We didn't have type 1 diabetes in the family and originally, I didn't really know much about it - just that it meant you needed insulin.
Then, my son Joe was diagnosed in 2017, when he was 13. He was very unwell in diabetic ketoacidosis (DKA) and ended up in the high dependency unit. That was our crash-course introduction to type 1 diabetes.
After that, we were invited to take part in a regional research study, which was studying family members of people with type 1 diabetes. My husband, our daughter Jaz and I all took part. We had a blood test that looked for type 1 diabetes autoantibodies. These are early indicators that type 1 has started to develop. We were happy to do anything that would help researchers understand the condition more.
That's how we found out that Jaz had type 1 diabetes autoantibodies. She'd just turned 16.
The research nurse who told Jaz was really kind, but it wasn't clearly explained what having these autoantibodies meant for her future risk of type 1. And there was no real follow-up from there. It felt like we'd been handed a really big piece of information and then left to get on with it.
Over time, we've learned more. I now know Jaz is in stage 2 of early type 1 diabetes. This means she has multiple autoantibodies and doesn't have high blood sugar levels. But it's very likely she'll go on to ‘fully' develop type 1 diabetes at some point.
The lack of information and support available to us at the time motivated me to later get involved with the UK Islet Autoantibody Registry. I'm part of the project team, and can bring my dual perspective of having a child who was diagnosed late and very unwell in DKA, and a child whose risk has been identified much earlier. So, I can see both the benefits and the challenges of early detection.
The Registry will give researchers the data they need to be able to understand more about the development of type 1 diabetes. And to explore the best ways to support people at risk psychologically and to create a proper care pathway for them. For families like ours, it will be a place to go for trusted information and peer support. Crucially, it will also be a place to find out about opportunities to take parts in trials of new treatments – ones that could keep holding off the full development of type 1 diabetes for as long as possible.
With studies like ELSA now screening more widely for autoantibodies, there's going to be more people identified in the early stages of type 1 diabetes. So, the Registry will be hugely beneficial.
It's been 8 years now since we learnt that Jaz was autoantibody positive.
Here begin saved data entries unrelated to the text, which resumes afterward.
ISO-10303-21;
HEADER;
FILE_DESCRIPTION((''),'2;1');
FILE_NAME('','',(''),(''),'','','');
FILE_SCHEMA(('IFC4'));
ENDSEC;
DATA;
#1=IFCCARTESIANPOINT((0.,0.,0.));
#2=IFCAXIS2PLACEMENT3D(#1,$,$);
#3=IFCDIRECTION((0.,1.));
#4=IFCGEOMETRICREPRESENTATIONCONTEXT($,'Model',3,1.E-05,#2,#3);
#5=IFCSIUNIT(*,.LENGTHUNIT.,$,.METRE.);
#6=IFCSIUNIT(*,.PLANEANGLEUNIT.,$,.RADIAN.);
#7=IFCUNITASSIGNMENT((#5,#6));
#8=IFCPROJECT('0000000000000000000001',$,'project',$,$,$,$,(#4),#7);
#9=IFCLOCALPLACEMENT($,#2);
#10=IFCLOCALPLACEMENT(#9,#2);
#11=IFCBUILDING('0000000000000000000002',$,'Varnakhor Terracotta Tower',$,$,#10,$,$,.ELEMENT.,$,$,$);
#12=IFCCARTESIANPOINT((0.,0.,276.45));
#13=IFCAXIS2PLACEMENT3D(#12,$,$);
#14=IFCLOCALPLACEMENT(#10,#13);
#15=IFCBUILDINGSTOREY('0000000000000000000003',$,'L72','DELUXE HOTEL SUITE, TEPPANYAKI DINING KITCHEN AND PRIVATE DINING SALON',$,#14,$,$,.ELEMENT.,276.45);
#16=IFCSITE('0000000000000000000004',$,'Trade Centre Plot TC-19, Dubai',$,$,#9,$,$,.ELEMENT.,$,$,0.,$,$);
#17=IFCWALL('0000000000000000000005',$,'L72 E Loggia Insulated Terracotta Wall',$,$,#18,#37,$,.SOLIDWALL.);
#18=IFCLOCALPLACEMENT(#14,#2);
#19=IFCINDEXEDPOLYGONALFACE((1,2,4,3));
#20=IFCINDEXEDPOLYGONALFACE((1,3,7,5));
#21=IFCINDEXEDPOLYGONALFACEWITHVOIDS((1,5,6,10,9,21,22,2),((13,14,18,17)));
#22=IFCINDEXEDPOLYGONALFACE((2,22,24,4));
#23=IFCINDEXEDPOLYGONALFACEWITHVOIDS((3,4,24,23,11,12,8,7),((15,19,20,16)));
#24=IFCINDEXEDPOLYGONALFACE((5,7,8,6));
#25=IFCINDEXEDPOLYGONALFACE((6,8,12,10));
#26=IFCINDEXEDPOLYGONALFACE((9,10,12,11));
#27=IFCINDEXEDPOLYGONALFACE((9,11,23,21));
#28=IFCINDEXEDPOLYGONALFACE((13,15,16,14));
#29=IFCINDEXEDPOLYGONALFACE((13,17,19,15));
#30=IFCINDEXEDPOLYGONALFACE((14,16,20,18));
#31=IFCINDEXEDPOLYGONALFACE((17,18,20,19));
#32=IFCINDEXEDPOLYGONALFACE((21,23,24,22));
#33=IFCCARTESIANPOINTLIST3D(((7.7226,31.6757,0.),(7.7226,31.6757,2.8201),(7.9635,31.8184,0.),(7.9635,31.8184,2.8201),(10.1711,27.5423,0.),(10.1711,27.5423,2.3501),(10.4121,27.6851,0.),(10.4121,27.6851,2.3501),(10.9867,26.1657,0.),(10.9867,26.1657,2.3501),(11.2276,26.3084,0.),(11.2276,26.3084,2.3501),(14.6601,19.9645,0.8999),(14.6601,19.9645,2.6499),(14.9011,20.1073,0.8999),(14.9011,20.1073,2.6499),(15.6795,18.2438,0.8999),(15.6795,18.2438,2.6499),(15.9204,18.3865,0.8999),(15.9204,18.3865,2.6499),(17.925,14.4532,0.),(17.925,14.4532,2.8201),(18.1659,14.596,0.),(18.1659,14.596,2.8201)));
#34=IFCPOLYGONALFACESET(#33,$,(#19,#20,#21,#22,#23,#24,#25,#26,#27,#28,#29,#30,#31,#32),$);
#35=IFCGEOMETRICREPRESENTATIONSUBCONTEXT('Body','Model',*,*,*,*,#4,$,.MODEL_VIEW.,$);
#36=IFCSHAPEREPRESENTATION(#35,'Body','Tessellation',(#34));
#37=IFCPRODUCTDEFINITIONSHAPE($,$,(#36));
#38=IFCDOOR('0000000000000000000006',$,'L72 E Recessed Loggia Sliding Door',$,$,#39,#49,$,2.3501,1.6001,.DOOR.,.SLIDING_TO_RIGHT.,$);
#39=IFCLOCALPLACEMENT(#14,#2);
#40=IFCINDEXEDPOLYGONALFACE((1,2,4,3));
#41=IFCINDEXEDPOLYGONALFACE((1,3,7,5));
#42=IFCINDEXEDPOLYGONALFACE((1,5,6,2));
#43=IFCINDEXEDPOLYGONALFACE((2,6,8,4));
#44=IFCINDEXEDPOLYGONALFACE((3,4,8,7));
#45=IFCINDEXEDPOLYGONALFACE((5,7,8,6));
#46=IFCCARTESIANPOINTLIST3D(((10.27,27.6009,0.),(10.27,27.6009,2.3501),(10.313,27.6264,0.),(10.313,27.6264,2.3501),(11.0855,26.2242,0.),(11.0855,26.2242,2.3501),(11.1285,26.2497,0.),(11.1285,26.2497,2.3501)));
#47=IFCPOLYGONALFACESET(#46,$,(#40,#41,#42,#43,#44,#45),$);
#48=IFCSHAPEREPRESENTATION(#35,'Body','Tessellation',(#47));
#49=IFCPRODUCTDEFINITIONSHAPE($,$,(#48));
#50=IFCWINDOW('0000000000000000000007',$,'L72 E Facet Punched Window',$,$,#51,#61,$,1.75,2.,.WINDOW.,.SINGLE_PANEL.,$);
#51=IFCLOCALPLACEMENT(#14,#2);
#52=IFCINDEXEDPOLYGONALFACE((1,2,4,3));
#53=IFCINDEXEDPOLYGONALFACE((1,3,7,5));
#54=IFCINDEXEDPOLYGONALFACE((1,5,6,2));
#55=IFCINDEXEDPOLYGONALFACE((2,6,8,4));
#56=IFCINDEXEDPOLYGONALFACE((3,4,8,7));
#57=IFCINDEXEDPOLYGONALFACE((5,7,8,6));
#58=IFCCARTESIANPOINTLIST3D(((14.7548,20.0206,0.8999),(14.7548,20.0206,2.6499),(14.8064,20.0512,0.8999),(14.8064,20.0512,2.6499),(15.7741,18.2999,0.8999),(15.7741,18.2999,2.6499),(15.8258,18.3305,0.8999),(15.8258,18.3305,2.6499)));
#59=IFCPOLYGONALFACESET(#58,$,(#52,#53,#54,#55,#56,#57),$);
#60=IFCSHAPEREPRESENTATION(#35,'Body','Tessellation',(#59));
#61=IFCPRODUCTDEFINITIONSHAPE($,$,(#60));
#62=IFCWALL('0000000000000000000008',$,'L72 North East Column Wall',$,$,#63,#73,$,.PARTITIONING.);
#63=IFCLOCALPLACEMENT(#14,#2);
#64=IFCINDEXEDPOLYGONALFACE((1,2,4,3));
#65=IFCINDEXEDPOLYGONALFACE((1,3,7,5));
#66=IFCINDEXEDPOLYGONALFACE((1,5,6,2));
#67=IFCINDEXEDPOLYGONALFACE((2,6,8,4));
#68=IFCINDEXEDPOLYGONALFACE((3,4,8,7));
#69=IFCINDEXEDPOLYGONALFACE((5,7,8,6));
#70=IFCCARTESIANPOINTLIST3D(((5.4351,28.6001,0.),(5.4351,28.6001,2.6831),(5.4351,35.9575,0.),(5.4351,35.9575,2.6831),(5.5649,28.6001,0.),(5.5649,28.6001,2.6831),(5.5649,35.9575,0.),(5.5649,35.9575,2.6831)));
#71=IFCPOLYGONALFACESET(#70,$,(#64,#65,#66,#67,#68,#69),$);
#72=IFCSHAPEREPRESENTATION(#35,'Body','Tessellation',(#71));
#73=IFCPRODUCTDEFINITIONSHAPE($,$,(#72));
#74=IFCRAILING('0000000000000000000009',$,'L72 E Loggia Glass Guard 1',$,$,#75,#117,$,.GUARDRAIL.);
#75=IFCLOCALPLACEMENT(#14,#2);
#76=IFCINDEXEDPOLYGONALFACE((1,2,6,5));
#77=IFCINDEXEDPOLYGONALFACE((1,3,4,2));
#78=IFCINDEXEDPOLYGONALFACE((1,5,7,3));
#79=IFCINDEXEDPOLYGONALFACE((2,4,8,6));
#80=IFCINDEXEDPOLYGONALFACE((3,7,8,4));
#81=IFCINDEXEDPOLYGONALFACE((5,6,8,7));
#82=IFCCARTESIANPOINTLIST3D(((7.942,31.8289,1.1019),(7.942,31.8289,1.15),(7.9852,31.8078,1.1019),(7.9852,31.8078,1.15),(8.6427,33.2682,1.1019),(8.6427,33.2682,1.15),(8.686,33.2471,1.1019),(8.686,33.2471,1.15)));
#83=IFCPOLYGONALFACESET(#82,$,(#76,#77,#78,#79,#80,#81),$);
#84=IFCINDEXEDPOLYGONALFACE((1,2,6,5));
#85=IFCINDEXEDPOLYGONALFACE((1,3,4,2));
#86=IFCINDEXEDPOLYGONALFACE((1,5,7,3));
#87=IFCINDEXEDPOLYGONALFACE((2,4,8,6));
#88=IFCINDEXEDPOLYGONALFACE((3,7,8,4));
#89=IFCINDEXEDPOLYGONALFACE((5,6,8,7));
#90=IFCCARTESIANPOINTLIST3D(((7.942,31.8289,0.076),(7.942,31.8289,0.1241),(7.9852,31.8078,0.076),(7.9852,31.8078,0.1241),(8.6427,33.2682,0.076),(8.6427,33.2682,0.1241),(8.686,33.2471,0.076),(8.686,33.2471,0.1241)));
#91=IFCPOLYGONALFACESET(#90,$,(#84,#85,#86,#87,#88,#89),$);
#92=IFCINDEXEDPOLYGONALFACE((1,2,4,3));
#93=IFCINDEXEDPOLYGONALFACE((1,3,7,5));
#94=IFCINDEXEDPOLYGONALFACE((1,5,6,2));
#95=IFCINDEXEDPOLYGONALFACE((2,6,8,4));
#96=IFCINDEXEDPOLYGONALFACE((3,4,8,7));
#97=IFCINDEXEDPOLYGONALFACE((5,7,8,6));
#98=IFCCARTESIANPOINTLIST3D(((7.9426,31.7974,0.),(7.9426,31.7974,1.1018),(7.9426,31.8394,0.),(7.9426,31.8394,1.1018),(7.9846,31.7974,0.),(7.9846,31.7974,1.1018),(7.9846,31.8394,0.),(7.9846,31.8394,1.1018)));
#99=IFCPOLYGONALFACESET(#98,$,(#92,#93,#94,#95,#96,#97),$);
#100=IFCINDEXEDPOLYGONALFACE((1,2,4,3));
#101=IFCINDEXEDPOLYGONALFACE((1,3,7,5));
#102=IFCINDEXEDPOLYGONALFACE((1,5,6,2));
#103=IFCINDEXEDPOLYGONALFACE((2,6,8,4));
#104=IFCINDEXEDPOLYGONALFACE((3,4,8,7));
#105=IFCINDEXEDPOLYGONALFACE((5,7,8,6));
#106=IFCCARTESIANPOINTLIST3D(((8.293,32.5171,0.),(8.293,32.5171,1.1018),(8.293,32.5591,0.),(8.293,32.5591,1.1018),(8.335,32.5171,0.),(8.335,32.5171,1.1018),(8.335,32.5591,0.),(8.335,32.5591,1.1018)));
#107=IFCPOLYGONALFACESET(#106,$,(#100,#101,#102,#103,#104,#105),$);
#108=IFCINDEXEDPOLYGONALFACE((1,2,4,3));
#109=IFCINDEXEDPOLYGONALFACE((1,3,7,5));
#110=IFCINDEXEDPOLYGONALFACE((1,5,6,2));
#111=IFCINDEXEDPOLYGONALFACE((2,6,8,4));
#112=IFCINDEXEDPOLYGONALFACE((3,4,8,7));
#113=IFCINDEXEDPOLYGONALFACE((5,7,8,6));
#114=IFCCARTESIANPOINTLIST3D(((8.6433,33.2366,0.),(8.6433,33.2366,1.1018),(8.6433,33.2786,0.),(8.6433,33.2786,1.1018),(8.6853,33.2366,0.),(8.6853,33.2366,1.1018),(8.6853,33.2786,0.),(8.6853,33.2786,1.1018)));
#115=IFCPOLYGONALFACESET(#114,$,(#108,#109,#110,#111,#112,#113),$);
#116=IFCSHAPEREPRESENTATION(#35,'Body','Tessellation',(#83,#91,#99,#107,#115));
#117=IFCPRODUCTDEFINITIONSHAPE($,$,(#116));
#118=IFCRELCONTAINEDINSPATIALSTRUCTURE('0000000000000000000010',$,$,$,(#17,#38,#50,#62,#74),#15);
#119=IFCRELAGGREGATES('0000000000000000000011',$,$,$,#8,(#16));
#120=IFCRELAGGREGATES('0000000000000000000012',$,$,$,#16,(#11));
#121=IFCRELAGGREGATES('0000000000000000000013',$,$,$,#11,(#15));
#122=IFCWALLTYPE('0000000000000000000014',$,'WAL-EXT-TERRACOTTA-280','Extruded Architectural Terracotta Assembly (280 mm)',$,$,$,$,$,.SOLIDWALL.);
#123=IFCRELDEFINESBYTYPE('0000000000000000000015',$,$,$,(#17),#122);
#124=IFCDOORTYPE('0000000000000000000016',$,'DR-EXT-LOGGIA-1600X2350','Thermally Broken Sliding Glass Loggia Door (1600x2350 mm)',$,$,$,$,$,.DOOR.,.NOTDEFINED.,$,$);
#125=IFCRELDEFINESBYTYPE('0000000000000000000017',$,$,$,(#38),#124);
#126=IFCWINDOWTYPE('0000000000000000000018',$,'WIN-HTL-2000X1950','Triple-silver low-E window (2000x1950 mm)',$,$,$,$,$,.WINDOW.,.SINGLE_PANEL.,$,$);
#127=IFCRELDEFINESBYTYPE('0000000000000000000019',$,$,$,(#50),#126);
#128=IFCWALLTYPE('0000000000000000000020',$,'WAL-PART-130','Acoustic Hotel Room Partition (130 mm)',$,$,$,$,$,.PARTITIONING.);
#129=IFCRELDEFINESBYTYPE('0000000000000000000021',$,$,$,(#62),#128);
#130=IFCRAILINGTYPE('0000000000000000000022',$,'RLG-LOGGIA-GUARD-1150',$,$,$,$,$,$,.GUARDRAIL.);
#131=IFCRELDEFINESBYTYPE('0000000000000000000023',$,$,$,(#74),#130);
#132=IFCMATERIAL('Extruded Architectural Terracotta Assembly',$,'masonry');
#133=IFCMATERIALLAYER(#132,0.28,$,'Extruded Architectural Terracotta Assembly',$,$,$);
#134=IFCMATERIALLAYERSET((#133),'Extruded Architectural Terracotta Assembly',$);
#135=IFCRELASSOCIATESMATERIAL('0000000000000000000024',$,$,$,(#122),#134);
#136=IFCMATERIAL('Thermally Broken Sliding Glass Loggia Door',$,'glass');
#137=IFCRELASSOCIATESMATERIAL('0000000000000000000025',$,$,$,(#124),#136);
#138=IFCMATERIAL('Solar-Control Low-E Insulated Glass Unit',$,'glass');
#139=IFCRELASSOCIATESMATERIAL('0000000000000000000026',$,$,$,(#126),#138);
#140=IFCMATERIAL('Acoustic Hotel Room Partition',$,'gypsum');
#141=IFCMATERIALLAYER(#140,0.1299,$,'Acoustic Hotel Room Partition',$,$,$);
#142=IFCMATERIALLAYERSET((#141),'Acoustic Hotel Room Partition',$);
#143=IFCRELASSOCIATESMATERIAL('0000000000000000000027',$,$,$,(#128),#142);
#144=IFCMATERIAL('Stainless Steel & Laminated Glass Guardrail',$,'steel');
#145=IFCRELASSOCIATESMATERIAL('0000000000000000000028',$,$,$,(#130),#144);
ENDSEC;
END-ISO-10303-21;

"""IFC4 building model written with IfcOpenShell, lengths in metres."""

from ifc_helpers import new_model, si_unit, direction, frame, frame_2d, origin, origin_2d, place, context, subcontext, project, spatial, rectangle, extrude, source, transform, mapped, material, layer, layer_set, type_object, type_shapes, element, fill, save


model = new_model("IFC4")

# Units and contexts
model_context = context("Model", 3, precision=1e-05, world=origin(), true_north=direction((0.0, 1.0)))
body_context = subcontext(model_context, "Body", "Model", "MODEL_VIEW")
ifc_project = project(units=[si_unit("LENGTHUNIT", "METRE"), si_unit("PLANEANGLEUNIT", "RADIAN")], contexts=[model_context])

# Site, building, storey
site_placement = place(None, origin())
site = spatial("IfcSite", under=ifc_project, at=site_placement, Name="Trade Centre Plot TC-19, Dubai", CompositionType="ELEMENT", RefElevation=0.0)
building_placement = place(site_placement, origin())
building = spatial("IfcBuilding", under=site, at=building_placement, Name="Varnakhor Terracotta Tower", CompositionType="ELEMENT")
storey_placement = place(building_placement, frame((0.0, 0.0, 276.45)))
storey = spatial("IfcBuildingStorey", under=building, at=storey_placement, Name="L72", Description="DELUXE HOTEL SUITE, TEPPANYAKI DINING KITCHEN AND PRIVATE DINING SALON", CompositionType="ELEMENT", Elevation=276.45)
For Jaz, knowing her risk hasn't taken over her life, but it's always there - which does bring a bit of anxiety.
When she feels unwell, it's in the back of her mind because were told that illness could trigger her type 1. When she's unwell she sometimes asks to use her brother's glucose meter so she can check her glucose levels. It has been frustrating at times because there's such little awareness of this early stage of type 1 diabetes in healthcare. Jaz often has to explain everything herself to her GP.
That's why having support, information, and care pathways matters - and why the Registry will make such a difference.
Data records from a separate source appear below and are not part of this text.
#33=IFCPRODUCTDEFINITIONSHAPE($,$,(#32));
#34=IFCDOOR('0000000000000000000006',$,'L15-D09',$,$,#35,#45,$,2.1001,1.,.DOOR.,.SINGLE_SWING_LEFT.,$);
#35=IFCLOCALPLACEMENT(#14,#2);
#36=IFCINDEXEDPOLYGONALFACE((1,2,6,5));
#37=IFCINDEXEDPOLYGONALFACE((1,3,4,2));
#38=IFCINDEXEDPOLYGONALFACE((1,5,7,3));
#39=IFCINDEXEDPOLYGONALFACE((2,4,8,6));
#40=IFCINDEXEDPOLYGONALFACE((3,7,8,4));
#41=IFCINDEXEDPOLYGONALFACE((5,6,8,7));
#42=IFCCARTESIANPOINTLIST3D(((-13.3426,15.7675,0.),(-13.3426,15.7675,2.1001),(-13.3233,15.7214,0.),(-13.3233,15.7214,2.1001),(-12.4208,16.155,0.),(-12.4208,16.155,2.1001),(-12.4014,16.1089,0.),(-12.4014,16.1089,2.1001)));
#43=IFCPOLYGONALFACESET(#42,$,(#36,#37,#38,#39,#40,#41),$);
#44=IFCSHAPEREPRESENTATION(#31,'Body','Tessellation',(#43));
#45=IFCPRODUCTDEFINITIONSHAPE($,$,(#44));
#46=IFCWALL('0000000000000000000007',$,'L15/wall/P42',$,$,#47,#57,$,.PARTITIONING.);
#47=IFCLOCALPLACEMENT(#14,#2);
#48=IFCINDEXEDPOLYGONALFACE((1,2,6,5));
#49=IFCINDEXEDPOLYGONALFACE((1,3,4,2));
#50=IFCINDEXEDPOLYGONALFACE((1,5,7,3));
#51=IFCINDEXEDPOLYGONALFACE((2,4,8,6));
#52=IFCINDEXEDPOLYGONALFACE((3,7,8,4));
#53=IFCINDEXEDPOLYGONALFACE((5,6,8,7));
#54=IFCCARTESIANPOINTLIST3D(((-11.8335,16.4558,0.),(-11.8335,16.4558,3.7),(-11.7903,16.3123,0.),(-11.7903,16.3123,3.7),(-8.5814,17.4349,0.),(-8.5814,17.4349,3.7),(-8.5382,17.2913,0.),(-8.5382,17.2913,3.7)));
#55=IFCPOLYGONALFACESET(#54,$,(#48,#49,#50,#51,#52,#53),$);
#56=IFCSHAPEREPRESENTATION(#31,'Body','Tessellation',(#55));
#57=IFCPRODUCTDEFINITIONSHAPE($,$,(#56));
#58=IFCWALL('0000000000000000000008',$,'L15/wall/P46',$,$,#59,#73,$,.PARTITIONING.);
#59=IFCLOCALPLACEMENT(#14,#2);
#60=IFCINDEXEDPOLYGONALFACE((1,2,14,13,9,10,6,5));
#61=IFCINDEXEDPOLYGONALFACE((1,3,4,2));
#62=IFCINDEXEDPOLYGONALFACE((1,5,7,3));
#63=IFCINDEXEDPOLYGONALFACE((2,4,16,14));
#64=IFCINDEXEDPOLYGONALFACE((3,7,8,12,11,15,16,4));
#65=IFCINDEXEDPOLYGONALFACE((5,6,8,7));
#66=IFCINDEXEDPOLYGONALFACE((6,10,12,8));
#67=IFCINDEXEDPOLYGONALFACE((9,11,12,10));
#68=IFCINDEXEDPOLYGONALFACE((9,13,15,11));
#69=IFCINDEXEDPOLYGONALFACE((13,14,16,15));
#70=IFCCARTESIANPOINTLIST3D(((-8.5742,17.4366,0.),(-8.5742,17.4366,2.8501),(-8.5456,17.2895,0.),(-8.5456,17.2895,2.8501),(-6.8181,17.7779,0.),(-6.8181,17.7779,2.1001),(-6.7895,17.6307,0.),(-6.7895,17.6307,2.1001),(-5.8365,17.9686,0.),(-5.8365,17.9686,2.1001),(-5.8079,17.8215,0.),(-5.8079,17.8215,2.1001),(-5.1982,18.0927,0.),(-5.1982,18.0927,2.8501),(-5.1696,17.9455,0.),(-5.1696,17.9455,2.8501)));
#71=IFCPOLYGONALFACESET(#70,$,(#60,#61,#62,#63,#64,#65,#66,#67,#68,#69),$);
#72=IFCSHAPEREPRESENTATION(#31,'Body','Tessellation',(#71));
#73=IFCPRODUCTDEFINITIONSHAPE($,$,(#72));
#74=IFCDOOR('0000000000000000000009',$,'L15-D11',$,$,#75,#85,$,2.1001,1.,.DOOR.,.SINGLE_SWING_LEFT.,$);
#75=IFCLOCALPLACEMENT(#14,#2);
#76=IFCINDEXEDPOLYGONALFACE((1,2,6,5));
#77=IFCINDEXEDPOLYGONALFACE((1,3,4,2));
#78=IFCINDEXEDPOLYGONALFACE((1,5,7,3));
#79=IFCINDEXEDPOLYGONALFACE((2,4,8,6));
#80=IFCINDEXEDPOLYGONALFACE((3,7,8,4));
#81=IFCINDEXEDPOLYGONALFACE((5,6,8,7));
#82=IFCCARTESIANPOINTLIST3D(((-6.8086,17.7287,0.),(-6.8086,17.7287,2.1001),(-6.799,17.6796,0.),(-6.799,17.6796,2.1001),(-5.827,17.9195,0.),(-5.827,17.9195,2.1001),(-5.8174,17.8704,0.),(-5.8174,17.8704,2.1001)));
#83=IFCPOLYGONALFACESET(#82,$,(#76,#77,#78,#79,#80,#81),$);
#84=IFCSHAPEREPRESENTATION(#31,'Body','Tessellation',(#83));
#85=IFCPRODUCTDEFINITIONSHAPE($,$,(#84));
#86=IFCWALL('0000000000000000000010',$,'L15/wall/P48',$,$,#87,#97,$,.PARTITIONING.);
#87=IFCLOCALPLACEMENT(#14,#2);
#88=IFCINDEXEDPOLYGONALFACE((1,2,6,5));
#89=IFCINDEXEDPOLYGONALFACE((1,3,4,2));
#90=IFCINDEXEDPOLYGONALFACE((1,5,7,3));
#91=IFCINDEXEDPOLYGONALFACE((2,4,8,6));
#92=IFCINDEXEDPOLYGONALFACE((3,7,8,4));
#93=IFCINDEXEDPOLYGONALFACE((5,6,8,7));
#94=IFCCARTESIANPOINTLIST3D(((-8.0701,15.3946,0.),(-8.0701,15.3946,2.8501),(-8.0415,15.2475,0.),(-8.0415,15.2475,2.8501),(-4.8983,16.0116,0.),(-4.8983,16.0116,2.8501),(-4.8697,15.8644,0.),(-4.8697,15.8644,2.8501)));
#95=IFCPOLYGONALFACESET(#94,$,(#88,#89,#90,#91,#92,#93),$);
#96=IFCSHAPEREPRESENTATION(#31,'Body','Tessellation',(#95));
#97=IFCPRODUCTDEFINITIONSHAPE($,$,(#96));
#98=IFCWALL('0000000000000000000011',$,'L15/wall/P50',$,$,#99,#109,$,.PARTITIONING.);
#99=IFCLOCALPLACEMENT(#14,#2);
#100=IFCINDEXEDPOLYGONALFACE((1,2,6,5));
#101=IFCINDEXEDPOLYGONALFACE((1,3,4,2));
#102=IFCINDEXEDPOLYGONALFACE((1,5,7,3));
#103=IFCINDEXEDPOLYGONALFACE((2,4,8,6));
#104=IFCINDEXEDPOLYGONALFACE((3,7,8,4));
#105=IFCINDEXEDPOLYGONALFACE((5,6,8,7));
But the first step is knowing. And I would say to any other family: yes, it's hard, but knowledge is power. Jaz would say the same. It means that, if her diagnosis comes one day, hopefully she'll have a smooth landing and won't be as ill as her brother was.
And if research keeps moving forward, we're hopeful there'll be treatments that could delay when that day comes. That's such an exciting thought! And with the Registry, it'll be easier for people like Jaz to access those treatments.